Os 65,37 milhões de euros são um adiantamento face a um pedido muito maior. O total dos danos das tempestades foi apontado no pedido de Portugal à UE em mais de 5,3 mil milhões de euros — um valor que faz empalidecer o pagamento inicial da UE e sublinha por que razão a reconstrução está a ser faseada ao longo de meses, e não de semanas. Separadamente, o governo anunciou o programa PTRR — Portugal Transformação, Recuperação e Resiliência — no final de abril, com um orçamento total de 22,6 mil milhões de euros para executar 96 medidas até 2035 destinadas a uma recuperação económica mais ampla, a par de um pacote de crédito de 1 mil milhão de euros do Banco Português de Fomento anunciado no início de junho, com 500 milhões de euros destinados às pequenas e médias empresas.
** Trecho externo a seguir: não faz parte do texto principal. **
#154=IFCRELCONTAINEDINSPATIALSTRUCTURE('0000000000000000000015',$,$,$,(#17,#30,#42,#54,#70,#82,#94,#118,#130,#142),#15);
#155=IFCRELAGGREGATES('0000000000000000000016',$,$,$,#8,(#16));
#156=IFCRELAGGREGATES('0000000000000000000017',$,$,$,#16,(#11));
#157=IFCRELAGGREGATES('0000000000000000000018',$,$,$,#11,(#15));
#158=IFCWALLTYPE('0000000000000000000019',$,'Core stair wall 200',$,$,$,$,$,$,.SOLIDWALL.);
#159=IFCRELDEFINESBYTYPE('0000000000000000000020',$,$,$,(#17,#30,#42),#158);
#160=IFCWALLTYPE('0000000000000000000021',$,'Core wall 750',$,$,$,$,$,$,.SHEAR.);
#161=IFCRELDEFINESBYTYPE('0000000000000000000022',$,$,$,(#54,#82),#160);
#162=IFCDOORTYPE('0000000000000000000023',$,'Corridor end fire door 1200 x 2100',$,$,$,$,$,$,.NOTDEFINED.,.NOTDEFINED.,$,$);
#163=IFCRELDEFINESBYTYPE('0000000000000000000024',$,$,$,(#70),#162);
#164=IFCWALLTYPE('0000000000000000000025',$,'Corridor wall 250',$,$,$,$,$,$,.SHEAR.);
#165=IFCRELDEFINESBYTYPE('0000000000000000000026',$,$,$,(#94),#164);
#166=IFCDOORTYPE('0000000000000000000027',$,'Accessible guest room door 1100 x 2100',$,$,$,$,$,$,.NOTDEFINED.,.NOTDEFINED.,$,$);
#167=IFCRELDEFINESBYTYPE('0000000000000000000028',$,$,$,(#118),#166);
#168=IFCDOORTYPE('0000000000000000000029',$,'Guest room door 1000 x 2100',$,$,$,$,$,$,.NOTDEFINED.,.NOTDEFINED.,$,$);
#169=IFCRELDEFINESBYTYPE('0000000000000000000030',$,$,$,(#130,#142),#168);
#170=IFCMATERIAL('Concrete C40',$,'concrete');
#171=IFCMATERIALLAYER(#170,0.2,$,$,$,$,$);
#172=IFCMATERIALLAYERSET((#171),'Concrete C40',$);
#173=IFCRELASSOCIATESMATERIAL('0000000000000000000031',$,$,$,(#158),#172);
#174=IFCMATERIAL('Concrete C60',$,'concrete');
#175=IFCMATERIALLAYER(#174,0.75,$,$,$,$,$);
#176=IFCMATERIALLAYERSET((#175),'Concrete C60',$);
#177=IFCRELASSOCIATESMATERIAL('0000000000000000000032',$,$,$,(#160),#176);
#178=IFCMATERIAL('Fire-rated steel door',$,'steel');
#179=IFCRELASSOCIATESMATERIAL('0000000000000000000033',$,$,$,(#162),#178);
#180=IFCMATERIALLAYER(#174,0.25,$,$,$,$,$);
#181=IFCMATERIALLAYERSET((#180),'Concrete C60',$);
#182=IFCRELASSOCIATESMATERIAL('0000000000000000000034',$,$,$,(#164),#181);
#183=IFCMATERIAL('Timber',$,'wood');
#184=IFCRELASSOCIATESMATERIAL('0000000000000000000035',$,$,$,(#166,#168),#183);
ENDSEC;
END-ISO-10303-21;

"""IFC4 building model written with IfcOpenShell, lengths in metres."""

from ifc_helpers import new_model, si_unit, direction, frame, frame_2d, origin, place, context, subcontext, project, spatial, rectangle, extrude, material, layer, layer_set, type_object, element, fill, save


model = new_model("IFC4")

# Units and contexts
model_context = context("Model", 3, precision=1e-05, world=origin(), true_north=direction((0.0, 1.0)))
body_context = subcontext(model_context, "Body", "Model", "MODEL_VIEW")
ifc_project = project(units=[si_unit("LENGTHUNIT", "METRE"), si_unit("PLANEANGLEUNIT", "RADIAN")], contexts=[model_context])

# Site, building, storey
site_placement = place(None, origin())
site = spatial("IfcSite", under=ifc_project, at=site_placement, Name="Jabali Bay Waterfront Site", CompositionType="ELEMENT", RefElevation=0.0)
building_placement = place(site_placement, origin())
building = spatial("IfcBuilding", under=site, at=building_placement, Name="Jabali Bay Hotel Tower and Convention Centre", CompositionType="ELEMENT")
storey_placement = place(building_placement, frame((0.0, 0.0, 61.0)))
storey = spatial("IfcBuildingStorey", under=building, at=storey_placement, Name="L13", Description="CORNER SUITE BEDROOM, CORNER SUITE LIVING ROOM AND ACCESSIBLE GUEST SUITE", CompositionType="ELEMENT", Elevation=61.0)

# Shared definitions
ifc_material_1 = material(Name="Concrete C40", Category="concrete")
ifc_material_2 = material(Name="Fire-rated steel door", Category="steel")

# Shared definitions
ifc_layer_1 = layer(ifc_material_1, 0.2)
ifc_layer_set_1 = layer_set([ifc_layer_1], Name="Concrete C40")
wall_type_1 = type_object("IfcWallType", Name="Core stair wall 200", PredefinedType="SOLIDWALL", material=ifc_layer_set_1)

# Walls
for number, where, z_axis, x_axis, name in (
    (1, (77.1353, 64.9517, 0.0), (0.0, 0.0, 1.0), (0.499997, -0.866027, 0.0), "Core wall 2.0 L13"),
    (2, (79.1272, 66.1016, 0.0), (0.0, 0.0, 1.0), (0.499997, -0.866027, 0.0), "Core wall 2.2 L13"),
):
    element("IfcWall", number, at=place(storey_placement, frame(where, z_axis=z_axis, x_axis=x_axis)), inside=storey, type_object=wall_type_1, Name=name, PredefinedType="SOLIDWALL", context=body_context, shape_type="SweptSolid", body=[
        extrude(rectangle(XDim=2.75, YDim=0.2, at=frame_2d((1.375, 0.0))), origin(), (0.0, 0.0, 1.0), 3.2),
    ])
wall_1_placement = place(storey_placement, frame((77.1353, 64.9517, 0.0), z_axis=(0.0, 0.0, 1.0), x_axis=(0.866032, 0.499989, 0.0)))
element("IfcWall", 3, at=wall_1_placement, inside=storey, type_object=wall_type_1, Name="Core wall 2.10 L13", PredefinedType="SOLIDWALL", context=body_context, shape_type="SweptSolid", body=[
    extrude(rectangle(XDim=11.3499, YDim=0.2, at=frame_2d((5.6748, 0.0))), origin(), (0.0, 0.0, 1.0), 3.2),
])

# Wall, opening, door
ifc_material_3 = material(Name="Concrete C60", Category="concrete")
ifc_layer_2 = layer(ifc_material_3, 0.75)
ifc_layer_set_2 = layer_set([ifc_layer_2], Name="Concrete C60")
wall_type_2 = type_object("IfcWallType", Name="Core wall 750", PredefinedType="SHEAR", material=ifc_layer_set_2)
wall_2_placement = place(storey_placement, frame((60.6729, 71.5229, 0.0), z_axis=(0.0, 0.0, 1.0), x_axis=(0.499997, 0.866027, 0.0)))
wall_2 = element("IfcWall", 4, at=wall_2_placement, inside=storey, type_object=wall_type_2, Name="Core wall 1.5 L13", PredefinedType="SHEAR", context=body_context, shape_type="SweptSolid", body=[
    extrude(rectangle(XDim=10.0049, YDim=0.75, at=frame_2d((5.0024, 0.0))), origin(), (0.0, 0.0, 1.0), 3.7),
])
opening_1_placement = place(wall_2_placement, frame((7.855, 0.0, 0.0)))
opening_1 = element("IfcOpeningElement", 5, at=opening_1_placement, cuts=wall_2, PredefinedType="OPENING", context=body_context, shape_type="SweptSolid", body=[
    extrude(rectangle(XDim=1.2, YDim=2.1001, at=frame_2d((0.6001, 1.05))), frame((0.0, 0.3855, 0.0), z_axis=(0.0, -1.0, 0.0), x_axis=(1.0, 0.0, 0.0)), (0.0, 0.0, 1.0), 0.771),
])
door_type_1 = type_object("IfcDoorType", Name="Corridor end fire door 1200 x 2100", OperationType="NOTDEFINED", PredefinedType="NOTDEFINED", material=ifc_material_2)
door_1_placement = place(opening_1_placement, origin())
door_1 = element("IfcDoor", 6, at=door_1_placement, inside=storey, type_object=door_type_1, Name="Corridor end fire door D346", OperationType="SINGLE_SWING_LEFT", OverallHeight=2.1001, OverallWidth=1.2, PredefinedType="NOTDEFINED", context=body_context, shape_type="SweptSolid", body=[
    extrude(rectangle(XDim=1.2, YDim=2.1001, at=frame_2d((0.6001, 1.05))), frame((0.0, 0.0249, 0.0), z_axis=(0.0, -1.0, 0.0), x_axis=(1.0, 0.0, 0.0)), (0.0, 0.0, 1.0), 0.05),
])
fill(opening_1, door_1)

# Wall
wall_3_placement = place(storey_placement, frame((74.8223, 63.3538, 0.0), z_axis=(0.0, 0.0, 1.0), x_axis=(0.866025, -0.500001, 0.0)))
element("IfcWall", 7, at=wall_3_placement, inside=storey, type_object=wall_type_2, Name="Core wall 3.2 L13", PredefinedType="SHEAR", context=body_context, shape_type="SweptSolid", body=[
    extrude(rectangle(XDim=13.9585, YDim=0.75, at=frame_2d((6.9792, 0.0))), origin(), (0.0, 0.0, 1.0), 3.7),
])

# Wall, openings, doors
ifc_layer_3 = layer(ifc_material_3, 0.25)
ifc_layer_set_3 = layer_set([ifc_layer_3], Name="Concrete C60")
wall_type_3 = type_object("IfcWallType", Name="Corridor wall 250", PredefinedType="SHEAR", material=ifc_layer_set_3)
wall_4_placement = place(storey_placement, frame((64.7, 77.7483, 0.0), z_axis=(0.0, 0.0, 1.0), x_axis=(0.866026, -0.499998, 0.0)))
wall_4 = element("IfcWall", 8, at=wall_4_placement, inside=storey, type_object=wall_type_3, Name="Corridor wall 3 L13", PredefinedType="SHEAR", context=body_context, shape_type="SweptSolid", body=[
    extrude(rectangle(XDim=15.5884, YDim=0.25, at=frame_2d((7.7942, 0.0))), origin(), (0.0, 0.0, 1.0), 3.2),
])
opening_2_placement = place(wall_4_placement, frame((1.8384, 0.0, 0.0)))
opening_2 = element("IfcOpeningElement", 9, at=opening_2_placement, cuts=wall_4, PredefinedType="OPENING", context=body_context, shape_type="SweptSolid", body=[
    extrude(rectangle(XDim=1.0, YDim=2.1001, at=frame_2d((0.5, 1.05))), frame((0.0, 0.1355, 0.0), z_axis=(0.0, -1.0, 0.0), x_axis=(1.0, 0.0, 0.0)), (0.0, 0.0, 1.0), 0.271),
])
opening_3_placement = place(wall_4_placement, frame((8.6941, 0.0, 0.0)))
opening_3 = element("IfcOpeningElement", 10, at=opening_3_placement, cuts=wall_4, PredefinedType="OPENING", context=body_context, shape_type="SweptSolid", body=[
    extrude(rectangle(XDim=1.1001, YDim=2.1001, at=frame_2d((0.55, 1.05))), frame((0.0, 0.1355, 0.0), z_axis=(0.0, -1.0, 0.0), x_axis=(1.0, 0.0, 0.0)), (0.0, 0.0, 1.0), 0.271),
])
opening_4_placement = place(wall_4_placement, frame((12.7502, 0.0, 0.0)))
Nenhum desse dinheiro está afetado, rubrica a rubrica, ao último troço de cabo de cobre que chega a uma casa de campo nos arredores de Pombal. A reparação das telecomunicações cabe a operadores privados — NOS, Vodafone, MEO — que trabalham em conjunto com a E-Redes em postes e condutas partilhados, e o progresso depende da posição de cada imóvel na lista de prioridades dos trabalhos de reconstrução física, e não dos calendários de desembolso da UE.
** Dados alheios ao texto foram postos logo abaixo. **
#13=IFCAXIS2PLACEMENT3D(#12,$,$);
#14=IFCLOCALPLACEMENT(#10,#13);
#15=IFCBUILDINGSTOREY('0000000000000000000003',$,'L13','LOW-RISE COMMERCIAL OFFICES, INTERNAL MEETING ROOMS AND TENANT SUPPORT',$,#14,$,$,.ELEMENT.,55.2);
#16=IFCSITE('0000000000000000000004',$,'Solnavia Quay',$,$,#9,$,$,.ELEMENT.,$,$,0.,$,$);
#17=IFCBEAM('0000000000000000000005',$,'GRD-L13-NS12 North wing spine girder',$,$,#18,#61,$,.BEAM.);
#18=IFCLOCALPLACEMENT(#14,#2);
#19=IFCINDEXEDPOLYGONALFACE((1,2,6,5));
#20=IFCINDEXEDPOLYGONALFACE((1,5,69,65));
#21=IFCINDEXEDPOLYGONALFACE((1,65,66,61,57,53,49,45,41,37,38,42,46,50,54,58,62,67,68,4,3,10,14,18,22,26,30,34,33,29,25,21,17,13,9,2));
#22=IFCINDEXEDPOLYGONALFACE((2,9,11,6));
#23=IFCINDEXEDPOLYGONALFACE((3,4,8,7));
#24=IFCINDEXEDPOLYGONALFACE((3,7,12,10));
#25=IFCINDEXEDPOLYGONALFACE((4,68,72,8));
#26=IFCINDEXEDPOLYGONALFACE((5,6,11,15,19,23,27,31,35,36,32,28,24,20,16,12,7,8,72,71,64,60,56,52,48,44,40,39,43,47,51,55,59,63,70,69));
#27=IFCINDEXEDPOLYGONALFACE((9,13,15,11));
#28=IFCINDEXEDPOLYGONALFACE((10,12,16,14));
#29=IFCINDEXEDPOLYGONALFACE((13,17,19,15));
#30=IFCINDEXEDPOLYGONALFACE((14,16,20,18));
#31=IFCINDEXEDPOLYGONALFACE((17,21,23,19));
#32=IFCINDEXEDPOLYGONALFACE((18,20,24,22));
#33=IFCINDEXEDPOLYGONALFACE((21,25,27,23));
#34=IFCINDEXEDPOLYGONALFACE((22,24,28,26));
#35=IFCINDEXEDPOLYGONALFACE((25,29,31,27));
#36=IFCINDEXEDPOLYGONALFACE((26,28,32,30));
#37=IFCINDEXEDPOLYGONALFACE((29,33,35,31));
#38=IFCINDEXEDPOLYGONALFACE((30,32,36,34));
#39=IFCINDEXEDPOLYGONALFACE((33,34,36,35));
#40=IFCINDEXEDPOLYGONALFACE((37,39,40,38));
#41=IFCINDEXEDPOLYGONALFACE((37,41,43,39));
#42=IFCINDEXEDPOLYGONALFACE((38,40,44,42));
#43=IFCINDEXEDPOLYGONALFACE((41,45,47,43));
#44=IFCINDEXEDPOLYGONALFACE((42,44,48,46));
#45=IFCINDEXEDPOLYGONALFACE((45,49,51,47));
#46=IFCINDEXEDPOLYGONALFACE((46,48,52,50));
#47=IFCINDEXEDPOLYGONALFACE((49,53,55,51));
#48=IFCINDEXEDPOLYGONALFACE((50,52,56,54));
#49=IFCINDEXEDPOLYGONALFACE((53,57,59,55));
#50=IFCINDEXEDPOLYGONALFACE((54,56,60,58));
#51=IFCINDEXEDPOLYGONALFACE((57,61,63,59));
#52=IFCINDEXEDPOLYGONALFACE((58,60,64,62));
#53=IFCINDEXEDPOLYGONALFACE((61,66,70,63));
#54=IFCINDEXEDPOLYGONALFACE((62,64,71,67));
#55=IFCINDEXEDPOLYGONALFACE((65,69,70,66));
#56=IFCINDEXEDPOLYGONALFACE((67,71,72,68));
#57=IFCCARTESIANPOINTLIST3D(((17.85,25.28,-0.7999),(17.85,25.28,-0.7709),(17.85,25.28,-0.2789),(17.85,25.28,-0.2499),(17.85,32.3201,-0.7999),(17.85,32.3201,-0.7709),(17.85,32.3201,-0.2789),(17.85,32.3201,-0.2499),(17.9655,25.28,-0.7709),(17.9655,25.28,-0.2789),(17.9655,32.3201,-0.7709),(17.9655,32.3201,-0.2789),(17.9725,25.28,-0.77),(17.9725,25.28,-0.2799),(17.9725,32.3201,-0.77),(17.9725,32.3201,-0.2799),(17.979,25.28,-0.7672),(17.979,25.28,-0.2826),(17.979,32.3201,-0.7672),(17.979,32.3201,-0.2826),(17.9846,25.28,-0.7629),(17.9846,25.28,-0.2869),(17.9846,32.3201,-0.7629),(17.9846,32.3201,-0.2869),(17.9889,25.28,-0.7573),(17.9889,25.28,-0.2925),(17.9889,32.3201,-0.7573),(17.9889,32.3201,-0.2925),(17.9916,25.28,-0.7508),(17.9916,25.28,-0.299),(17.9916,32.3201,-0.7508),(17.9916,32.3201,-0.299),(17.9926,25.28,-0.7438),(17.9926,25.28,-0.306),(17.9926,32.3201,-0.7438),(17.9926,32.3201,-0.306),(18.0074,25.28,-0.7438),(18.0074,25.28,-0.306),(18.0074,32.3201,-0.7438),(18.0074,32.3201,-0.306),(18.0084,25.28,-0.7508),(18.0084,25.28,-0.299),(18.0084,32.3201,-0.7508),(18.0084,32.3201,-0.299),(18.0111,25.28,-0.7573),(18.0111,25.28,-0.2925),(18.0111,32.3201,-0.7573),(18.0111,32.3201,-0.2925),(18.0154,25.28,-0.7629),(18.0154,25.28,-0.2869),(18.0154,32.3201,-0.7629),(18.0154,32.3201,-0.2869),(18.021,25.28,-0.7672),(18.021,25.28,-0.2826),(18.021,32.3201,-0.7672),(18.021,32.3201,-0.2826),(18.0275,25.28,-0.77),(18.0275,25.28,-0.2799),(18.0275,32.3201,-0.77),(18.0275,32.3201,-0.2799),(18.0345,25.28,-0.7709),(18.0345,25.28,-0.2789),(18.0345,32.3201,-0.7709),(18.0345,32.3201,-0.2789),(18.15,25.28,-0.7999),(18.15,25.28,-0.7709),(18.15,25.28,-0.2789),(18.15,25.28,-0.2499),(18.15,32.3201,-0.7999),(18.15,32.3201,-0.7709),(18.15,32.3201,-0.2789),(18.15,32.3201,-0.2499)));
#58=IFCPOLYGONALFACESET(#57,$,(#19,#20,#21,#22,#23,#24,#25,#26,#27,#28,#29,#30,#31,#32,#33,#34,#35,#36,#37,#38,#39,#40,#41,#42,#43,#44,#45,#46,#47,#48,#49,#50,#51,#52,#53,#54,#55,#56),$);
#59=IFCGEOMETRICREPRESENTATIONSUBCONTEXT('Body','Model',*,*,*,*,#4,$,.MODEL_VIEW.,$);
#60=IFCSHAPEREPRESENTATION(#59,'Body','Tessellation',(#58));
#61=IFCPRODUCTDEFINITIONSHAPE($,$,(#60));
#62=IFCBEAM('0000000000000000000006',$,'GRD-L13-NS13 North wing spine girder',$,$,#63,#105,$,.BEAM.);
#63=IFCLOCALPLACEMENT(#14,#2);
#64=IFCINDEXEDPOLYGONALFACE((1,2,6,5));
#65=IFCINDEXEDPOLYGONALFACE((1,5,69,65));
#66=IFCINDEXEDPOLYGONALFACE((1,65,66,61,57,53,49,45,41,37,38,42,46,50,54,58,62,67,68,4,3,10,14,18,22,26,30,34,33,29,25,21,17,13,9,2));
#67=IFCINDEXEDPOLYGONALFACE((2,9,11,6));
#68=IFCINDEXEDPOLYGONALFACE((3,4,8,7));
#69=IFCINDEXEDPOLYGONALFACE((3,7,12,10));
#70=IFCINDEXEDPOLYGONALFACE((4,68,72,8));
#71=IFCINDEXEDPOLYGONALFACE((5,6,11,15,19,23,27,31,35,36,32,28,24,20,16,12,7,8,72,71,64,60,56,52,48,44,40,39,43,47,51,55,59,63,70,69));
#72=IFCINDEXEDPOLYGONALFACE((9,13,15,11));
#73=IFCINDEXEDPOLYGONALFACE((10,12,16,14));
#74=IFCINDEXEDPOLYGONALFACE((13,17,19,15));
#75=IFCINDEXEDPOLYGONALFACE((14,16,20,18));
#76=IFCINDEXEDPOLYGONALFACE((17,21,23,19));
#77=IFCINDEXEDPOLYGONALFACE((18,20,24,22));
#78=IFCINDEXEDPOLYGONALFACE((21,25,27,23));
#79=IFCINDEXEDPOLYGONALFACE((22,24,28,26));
O Que os Proprietários Estrangeiros Devem Fazer

Se o seu telefone fixo continuar inoperacional, mantenha um registo escrito de cada participação de avaria e número de referência — as seguradoras e, quando aplicável, os regimes municipais de compensação irão pedi-lo. Confirme junto do seu operador se a sua linha está agendada para reparação ou a aguardar um poste ou subestação reconstruídos; pergunte especificamente se o atraso é de origem elétrica ou puramente das telecomunicações. Se depende de uma linha fixa para um sistema de alerta médico ou de monitorização de alarmes, pergunte ao seu fornecedor por soluções temporárias móveis ou por satélite, em vez de esperar pelo restabelecimento total. E, se o imóvel for uma segunda casa que não visita com frequência, combine com um vizinho ou gestor de imóveis local que o verifique periodicamente — vários proprietários da região só descobriram danos ou falhas em curso semanas depois do sucedido.
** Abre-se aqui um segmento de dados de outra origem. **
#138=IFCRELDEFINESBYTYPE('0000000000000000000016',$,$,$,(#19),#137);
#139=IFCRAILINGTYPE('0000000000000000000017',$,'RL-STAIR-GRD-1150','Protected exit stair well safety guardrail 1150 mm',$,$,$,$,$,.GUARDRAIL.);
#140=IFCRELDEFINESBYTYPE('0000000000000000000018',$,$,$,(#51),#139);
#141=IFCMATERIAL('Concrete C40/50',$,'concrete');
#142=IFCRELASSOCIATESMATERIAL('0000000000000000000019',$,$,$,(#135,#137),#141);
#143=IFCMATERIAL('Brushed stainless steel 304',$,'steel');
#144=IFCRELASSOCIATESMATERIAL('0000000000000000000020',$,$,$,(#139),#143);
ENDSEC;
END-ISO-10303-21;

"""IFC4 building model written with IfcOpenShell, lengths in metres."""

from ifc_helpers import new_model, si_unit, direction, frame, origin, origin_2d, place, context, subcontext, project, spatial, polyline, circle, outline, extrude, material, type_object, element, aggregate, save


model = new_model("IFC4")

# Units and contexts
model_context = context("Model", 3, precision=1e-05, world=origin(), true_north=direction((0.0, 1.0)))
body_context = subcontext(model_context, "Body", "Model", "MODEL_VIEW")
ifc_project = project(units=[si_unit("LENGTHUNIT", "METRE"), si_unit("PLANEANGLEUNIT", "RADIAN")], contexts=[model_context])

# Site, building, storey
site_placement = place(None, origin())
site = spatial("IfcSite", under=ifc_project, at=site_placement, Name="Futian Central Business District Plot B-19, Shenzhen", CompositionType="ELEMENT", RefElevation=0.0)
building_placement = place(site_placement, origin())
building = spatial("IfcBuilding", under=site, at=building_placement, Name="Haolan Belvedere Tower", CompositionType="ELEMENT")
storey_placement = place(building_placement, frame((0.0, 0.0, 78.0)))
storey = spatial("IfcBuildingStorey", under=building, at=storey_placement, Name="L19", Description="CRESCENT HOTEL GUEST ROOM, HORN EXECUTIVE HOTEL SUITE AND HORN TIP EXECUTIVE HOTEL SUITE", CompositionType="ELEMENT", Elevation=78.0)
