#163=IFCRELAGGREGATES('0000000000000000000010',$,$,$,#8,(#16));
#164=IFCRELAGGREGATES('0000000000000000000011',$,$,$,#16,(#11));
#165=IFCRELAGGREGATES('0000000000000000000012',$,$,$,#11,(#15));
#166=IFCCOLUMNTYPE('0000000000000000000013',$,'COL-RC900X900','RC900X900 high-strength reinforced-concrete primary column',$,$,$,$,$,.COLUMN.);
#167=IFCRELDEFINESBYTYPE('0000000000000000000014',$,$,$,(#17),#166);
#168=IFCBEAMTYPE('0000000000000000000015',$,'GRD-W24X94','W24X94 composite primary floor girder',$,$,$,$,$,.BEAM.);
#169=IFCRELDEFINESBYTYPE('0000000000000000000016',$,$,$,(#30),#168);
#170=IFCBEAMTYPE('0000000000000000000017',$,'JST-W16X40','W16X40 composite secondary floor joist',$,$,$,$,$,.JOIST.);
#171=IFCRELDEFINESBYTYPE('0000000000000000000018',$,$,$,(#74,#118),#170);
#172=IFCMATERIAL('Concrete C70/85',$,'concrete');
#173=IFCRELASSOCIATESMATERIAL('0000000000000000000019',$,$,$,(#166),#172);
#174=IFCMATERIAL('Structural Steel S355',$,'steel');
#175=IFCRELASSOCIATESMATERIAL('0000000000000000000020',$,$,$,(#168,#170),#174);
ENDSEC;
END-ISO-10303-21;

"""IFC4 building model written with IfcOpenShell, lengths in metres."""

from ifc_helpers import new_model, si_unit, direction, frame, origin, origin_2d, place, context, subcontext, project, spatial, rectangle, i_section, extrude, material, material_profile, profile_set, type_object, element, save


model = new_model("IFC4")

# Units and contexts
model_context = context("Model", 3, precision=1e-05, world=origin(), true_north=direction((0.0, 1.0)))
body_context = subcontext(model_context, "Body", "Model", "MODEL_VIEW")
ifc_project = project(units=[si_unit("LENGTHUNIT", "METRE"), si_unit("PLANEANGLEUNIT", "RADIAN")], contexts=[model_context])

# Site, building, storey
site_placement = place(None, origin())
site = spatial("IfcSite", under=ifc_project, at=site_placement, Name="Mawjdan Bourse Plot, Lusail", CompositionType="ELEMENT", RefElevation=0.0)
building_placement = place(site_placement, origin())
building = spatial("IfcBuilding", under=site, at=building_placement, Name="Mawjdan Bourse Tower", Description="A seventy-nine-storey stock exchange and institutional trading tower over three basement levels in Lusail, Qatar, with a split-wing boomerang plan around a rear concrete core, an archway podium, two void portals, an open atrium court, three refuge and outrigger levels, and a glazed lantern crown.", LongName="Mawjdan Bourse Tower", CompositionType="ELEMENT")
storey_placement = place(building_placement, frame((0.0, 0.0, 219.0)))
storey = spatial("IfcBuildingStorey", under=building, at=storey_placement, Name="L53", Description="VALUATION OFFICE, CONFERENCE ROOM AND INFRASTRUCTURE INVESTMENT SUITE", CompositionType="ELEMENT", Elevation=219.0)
Para quem esteja a ponderar uma compra nos distritos afetados, este episódio é uma lembrança útil de que se deve perguntar sobre a resiliência das infraestruturas, a par das verificações habituais sobre IMT, custos de escritura e requisitos de NIF abordados no nosso guia de imóveis.

O Que Observar a Seguir

O Parlamento Europeu e o Conselho ainda têm de aprovar qualquer financiamento para além do adiantamento inicial, e a própria estimativa de danos de Portugal — na ordem dos milhares de milhões — significa que este processo permanecerá em aberto até bem dentro de 2027. Saber se os restantes 1 600 agregados de Leiria voltarão a ter ligação antes de o inverno chegar de novo será o verdadeiro teste de se a ajuda anunciada em Bruxelas se traduz em cabo no terreno.